# Just back from first visit



## richie3487 (Aug 19, 2007)

Hi all,

Have just returned from my trip to the Costa Colida/South Blanca region had a wonderfull time except last thursday when the rain came.

 I arranged with a few property agencies to take us out for the day, some treat you like cattle class and others give you the individual treatment, however all are desperate to get you to sign there and then, 
even though i had stated before hand that this was a Recce only (can't get away from the Army terms.)

The things i have learnt from this is i will never do a 4 day package with any property company, they want to be with you constant its unbelievable. the poor sales people are under pressure constantly to get you to say yes to them, they recieve about a dozen calls asking how its going are they going to sign its madness, if anything it just put me right off dealing with them.

 But the most important thing is i want to move to the Mar Manor/South Blanco region as soon as my time in the Army is finished next year. what a cracking place and the people where fantastic British/Spanish/Germans everyone we met was helpful and enthusiastic about life in Spain can't wait.

anyone who can offer advice and help about the region please let me know.


All the best,

Richie,


----------



## Big Pete (Aug 7, 2007)

richie3487 said:


> Hi all,
> 
> Have just returned from my trip to the Costa Colida/South Blanca region had a wonderfull time except last thursday when the rain came.
> 
> ...


Hey welcome back Richie , good to see you have your head screwed on and spotted the agents tactics..

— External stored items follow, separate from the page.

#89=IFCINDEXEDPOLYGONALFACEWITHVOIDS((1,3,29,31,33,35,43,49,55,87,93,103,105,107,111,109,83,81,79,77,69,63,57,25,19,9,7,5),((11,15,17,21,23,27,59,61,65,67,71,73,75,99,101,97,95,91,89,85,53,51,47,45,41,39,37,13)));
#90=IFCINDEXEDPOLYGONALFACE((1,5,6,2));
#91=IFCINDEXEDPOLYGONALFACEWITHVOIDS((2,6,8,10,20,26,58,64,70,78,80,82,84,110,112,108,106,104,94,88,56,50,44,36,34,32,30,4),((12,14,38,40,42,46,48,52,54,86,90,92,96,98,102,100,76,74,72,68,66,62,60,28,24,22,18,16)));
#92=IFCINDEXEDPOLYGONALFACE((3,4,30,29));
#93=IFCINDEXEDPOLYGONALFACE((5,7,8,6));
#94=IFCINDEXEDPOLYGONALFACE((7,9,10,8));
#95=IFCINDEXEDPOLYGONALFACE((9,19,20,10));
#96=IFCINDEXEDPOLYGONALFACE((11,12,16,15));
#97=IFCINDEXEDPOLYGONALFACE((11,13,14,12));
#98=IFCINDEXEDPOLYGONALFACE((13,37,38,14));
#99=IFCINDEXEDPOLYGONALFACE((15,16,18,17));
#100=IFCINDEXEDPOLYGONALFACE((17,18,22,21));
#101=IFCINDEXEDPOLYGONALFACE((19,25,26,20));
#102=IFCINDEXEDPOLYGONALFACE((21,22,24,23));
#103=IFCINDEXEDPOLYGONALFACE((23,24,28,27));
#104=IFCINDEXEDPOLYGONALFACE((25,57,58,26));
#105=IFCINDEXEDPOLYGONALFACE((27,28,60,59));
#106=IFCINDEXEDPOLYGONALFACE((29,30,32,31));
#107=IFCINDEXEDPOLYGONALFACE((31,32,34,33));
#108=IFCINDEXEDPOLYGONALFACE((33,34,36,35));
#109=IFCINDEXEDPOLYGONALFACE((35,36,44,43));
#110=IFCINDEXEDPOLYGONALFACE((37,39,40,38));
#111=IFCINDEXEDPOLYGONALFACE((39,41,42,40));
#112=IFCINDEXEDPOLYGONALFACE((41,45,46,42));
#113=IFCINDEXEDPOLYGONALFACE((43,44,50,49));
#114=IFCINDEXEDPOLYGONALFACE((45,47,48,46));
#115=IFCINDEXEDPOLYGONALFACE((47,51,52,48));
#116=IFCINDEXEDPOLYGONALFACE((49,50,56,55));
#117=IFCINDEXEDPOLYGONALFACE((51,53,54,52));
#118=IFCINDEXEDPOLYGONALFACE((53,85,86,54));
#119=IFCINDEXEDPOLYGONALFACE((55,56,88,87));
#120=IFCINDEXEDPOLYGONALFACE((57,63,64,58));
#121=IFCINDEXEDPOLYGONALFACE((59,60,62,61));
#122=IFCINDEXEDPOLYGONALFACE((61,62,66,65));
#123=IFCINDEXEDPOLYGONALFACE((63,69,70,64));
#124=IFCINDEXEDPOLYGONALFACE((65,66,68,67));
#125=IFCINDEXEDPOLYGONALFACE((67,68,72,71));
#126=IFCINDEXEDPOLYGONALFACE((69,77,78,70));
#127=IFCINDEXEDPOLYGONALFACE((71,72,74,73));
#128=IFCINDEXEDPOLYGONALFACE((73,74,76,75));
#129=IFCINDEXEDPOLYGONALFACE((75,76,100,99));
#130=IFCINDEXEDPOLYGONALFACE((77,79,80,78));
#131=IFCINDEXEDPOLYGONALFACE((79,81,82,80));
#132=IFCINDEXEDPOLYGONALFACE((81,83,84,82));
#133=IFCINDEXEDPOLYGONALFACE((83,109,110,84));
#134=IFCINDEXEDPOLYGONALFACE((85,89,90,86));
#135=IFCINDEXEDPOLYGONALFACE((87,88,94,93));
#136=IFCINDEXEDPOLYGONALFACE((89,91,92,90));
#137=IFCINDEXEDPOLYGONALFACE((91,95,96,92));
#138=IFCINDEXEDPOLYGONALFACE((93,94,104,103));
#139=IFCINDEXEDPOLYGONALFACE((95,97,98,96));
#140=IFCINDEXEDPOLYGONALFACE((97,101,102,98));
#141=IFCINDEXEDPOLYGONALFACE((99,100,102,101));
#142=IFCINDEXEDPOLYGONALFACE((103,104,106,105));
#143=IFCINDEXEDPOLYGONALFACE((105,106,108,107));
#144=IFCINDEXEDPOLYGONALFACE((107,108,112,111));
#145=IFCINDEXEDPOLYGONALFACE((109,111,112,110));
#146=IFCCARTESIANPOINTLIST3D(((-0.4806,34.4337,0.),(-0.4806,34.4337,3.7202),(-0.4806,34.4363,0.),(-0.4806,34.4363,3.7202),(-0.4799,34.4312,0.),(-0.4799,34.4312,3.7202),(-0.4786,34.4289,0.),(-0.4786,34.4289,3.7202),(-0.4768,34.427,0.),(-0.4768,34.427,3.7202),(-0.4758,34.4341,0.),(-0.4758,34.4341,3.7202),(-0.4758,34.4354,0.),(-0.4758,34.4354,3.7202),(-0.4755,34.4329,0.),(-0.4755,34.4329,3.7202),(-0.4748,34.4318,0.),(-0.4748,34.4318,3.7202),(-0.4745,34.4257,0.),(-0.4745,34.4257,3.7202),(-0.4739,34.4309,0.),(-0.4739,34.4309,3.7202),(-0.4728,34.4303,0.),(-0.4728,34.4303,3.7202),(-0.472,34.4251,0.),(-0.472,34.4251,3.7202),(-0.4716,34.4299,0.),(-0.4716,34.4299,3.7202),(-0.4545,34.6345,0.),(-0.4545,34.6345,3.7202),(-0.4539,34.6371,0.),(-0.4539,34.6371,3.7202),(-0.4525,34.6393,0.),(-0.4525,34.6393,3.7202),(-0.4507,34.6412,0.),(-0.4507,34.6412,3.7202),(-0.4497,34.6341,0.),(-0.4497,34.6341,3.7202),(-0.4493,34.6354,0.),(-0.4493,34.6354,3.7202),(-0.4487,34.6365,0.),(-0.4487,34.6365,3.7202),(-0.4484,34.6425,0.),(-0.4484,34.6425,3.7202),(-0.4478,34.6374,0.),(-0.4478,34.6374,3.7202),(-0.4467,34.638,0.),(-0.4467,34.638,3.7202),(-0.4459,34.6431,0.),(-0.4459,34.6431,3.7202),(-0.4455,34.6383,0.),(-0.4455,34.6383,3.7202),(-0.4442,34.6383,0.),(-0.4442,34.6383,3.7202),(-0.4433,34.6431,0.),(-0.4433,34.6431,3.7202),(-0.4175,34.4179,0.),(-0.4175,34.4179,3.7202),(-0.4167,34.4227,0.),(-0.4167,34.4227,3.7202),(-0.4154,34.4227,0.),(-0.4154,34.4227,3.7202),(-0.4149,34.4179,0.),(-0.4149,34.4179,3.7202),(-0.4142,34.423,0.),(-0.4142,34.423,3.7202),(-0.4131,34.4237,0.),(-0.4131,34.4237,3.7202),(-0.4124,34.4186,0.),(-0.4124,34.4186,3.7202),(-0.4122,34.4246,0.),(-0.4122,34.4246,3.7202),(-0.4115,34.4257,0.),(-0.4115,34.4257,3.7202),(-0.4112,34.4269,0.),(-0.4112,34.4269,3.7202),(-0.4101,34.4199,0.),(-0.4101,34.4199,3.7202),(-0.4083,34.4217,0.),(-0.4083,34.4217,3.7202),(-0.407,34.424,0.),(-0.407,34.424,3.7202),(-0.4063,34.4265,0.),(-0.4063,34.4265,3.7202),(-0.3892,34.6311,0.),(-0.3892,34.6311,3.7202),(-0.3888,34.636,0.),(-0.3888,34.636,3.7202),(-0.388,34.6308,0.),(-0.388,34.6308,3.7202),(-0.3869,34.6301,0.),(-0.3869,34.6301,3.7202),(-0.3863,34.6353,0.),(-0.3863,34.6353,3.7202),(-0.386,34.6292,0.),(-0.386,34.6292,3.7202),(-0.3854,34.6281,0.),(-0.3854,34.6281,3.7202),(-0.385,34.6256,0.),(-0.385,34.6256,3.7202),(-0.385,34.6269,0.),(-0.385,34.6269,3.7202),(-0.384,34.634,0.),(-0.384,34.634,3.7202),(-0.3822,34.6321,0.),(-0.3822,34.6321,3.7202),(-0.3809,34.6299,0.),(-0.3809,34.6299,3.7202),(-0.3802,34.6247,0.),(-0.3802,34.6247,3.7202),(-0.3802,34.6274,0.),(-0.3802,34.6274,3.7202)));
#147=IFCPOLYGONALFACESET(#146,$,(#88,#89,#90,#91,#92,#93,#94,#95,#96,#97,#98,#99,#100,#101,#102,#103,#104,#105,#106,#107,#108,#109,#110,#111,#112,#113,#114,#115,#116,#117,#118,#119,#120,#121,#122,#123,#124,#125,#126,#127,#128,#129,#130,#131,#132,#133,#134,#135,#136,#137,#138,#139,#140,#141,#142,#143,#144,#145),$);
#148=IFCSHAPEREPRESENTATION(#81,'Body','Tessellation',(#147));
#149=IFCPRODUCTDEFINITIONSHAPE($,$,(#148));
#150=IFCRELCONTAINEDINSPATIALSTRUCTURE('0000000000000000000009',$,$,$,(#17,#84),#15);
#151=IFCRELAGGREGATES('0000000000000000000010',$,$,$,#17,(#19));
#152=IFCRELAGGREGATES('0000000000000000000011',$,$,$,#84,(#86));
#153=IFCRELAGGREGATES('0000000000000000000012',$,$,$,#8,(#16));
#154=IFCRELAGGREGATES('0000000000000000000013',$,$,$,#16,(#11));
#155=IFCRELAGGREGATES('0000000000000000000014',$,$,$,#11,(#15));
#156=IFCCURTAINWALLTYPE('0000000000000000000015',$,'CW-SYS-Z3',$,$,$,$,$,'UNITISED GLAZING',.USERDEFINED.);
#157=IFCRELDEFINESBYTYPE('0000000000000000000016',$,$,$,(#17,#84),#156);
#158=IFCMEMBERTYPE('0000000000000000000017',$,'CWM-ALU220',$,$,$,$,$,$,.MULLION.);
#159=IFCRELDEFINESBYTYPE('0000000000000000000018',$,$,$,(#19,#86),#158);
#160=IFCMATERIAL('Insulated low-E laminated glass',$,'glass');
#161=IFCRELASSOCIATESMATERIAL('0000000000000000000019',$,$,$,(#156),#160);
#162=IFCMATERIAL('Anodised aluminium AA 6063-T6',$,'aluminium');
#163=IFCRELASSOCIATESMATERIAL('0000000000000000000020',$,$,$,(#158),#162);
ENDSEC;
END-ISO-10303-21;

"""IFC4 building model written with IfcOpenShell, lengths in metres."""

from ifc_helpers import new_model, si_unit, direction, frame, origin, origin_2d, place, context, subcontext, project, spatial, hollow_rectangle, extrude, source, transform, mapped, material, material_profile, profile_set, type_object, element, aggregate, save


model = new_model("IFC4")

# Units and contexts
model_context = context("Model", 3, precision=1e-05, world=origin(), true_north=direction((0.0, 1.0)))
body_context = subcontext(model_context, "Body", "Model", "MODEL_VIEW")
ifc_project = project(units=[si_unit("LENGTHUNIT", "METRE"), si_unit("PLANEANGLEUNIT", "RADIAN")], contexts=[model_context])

Dont know the region , but a couple of tips from my own experiences and after speaking to a lot of ex pats is;

1; Rent first if possible then you can test the area from a living there point prior to making solid roots ..
2; Consider buying direct from the owners as will save money 
3; Dont trust what agents say regarding the propertys newly built from experiences some new builds have no permanent electrics for ages but run on generators .
4; Consider Resale propertys all are connected any land issues sorted and any build defects done and dusted and have established gardens etc etc..

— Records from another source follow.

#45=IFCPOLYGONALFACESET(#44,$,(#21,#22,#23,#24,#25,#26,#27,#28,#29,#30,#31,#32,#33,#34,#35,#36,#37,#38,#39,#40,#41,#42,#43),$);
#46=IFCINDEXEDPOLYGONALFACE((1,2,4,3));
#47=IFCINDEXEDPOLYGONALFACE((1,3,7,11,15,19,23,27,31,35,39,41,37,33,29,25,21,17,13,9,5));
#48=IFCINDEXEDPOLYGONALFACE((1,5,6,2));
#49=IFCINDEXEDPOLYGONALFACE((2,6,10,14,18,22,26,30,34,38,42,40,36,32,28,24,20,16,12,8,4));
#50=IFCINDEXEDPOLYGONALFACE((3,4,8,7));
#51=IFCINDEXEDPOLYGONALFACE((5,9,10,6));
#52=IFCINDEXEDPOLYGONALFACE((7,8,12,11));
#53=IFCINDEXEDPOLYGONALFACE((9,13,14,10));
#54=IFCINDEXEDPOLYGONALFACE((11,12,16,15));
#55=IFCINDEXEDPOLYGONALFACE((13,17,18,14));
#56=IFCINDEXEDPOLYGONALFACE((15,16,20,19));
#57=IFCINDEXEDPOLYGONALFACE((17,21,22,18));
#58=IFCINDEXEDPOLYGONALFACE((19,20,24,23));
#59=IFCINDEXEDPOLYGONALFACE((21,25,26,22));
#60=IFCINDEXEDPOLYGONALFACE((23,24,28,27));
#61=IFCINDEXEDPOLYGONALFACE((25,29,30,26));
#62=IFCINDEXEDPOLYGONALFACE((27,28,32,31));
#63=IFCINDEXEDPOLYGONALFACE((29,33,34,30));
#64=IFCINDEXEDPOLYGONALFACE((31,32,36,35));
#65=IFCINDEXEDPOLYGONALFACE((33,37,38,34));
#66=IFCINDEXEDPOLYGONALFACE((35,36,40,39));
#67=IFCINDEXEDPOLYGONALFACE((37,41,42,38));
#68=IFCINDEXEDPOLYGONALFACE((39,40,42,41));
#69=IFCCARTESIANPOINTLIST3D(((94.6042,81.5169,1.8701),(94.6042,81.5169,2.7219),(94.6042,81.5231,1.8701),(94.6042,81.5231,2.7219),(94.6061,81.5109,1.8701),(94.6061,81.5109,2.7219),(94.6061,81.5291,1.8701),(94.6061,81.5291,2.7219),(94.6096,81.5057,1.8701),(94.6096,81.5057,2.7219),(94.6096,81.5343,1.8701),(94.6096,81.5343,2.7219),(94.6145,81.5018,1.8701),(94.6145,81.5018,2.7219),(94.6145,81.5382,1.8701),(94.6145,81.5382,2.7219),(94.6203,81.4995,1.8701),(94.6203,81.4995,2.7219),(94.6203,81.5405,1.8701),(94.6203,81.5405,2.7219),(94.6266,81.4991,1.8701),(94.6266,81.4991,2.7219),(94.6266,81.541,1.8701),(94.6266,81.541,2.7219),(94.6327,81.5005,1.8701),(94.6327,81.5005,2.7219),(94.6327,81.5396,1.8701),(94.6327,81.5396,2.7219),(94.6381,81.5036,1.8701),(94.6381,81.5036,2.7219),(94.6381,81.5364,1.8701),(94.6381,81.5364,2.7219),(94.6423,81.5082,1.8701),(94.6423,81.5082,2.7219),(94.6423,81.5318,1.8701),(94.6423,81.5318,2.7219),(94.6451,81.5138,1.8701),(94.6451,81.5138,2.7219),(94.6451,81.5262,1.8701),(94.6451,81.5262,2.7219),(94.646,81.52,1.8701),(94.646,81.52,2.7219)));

Remember most of all its a buyers market at the moment so deals at -20% are in the offing ..


----------



## Goldberg (May 24, 2007)

Richie, you must be one of many Army people who want to kick back, what is the best way for marketing to the army in your opinion.


----------



## Stravinsky (Aug 12, 2007)

Goldberg Global said:


> Richie, you must be one of many Army people who want to kick back, what is the best way for marketing to the army in your opinion.

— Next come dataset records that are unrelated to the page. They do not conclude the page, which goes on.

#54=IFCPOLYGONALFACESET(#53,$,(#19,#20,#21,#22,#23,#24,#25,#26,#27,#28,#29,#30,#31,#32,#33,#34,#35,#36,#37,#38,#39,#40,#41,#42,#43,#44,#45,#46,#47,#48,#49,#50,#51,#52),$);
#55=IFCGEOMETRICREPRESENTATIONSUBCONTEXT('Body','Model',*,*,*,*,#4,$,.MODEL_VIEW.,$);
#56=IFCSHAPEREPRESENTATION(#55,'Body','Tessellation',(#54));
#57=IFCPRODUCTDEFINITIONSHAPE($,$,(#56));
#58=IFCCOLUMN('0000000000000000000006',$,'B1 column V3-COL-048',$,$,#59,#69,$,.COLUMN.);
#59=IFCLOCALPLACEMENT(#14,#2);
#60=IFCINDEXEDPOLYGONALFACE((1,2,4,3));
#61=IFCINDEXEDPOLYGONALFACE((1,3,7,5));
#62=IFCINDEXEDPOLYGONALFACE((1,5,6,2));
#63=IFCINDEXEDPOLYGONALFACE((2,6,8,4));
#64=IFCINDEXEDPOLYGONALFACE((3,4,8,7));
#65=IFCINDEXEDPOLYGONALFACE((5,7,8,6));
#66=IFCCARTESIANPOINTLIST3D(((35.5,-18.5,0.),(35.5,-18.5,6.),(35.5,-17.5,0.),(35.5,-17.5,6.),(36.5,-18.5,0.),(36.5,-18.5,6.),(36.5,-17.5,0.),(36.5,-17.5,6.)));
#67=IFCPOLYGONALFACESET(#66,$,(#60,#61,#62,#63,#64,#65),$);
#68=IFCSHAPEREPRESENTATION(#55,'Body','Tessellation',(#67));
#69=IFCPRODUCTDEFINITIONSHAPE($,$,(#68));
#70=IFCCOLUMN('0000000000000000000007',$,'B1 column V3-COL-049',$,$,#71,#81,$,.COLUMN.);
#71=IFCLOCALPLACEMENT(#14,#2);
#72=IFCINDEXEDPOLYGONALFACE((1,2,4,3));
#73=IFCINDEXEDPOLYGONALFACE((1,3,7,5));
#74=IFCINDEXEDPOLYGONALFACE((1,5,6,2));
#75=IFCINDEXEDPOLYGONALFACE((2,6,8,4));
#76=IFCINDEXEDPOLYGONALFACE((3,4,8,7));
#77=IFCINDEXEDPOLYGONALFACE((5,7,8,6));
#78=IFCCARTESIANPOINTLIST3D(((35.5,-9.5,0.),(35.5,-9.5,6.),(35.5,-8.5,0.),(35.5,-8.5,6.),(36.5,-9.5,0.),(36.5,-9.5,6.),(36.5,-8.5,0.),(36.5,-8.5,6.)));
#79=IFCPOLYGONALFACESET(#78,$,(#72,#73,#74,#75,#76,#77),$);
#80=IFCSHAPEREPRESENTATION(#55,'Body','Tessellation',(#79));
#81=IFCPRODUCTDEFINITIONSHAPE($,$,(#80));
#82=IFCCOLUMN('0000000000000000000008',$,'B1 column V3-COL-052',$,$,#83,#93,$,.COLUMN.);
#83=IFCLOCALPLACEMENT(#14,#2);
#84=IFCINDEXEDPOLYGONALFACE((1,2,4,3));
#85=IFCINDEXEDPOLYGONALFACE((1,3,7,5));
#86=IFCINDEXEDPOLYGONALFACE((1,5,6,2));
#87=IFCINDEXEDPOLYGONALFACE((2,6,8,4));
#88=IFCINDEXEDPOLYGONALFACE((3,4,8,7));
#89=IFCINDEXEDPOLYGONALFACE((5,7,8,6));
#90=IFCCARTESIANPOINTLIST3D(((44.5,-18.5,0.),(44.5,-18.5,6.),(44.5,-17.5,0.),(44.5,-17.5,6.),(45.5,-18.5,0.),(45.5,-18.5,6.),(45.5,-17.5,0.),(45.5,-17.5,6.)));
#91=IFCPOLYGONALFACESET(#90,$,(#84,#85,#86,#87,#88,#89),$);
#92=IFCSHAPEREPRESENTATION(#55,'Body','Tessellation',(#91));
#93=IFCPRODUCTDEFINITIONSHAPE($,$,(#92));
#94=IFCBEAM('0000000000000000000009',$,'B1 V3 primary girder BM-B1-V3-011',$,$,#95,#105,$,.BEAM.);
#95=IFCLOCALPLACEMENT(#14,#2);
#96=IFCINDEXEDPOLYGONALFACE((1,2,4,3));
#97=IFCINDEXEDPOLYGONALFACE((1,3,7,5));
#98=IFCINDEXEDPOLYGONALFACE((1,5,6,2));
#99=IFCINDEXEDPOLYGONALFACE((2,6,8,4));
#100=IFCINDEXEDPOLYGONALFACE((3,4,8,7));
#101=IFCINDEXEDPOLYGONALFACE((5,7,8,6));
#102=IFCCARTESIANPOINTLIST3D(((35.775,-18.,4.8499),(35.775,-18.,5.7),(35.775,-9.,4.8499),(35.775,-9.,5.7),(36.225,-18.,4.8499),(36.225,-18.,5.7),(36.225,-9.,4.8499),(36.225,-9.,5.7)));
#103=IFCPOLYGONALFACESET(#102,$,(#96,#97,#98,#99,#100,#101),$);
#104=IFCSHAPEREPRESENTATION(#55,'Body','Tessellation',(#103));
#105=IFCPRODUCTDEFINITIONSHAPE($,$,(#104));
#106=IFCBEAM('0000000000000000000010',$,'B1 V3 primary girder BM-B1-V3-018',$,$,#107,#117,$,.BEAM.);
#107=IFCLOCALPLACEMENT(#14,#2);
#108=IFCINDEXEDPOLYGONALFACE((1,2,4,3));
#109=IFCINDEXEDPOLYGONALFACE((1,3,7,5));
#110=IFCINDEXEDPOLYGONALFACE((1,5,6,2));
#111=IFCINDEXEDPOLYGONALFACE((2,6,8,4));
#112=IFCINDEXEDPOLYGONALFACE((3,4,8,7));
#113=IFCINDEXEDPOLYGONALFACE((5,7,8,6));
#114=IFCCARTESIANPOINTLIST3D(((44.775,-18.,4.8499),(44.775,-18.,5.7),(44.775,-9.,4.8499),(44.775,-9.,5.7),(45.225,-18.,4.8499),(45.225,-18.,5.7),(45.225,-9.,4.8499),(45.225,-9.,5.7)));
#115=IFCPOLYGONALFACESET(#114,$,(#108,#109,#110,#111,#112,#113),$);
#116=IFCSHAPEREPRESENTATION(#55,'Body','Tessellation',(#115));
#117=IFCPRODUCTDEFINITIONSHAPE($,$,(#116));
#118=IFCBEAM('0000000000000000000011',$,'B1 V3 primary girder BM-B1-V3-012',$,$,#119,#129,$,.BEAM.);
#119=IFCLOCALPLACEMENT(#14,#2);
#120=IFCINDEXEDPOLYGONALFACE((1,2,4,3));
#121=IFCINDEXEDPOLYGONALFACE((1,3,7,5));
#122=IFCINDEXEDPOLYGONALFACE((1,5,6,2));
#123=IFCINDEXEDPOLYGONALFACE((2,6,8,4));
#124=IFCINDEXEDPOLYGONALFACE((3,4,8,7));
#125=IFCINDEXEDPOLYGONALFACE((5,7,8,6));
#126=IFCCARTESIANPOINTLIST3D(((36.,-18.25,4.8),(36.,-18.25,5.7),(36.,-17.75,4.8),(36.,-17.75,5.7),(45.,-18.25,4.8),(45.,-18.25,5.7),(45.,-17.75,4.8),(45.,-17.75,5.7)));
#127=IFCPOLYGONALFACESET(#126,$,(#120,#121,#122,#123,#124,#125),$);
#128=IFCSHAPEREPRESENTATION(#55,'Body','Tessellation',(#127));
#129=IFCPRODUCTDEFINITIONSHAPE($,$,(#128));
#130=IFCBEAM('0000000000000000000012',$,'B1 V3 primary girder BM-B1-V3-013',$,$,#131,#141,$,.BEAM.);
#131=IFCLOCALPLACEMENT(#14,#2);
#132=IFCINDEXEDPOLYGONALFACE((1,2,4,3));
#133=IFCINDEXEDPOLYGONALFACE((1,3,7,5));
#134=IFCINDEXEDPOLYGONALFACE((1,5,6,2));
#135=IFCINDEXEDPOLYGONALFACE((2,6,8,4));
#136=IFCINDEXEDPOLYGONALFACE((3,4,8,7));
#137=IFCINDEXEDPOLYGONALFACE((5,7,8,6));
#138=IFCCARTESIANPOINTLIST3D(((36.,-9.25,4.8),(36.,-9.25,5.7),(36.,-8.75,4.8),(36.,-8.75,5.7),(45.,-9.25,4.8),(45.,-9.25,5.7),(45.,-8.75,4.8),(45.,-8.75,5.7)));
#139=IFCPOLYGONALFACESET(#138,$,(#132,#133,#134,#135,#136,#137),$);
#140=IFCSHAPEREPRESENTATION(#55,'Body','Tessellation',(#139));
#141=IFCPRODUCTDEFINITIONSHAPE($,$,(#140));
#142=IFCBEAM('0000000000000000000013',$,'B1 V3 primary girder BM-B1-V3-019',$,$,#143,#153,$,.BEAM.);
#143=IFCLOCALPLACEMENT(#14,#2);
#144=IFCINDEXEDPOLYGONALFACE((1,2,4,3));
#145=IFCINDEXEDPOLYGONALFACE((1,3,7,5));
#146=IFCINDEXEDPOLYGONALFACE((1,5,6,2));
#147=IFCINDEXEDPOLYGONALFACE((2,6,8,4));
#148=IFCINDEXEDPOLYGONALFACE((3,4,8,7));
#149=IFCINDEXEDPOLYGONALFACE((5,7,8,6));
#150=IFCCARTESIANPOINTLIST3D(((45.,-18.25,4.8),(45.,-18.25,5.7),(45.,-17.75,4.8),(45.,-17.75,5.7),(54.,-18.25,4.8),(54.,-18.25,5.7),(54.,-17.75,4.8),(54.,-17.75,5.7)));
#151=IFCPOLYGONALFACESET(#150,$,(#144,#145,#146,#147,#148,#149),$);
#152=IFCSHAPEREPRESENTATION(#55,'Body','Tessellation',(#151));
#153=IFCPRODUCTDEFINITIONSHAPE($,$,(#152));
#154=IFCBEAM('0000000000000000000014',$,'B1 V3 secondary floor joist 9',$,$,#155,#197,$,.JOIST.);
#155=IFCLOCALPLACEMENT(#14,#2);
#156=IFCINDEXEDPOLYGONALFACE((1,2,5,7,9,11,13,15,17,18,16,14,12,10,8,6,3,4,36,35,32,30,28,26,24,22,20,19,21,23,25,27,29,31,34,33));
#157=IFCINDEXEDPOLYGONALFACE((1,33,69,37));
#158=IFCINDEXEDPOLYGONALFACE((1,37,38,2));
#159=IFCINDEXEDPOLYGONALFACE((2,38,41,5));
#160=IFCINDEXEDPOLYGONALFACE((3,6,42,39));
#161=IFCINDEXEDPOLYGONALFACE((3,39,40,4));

The post is three months old


----------



## richie3487 (Aug 19, 2007)

hey mate there are thousands like me who having served queen and country for 22 years get treated like second class citizens in our own country when we leave. so look to further our horizons in other countries there is certainly an untapped market for peddling your wares the best way in is to contact the forces housing/ british legion/ ressetlement people/ and show them there are alternative and better options for expats living abroad you will not believe the amount of positive response ive had with some of the guys asking me to get them info into what im doing as they feel the same as me its better to go abroad when you've finished.


----------



## richie3487 (Aug 19, 2007)

stravinsky,

posted an email on your sight looking for a let in may then ong term in october, south blanca/ murcia area is where i want need reply soon as i want it sorted also needs to be 3 bed 2 bath not in tourist area but near beach if poss.


----------



## rowlandsbb (Jun 30, 2007)

Hi Richie
Not all agents are like the ones you describe and you can finds professional ones who do a proper job
I agree that inspection trips are getting a lot less popular for the reasons you state but some of us do provide a Go Direct Service with a similar service to that you would receive in the UK
2008 will be a good time to buy as it is a flat market Do not know what 2009 will be like but you will certainly be able this year to find a very good re sale at a reasonable price.....often the people who own the good ones are not forced to sell but do appreciate that in a slow market you have to be sensible to get a sale
Prices of the good new ones are in general firm and I suppose anything which appears very cheap may have a some problems.....for example the insulation in some old properties is not very good and therefore a touch cold in winter [ built mainly for holiday purposes] 
If you want anymore info get in touch
Brian
Brian Rowlands BSc FRICS


----------



## Goldberg (May 24, 2007)

Richie, who did you do your inspection trip with
And thanks for the ideas about the army


----------



## richie3487 (Aug 19, 2007)

Goldberg said:


> Richie, who did you do your inspection trip with
> And thanks for the ideas about the army


atlas (crap), resale espania (they were good) and 2 local from La manga region, the were soso, although they showed us the same places and never ventured north of san pedro.


----------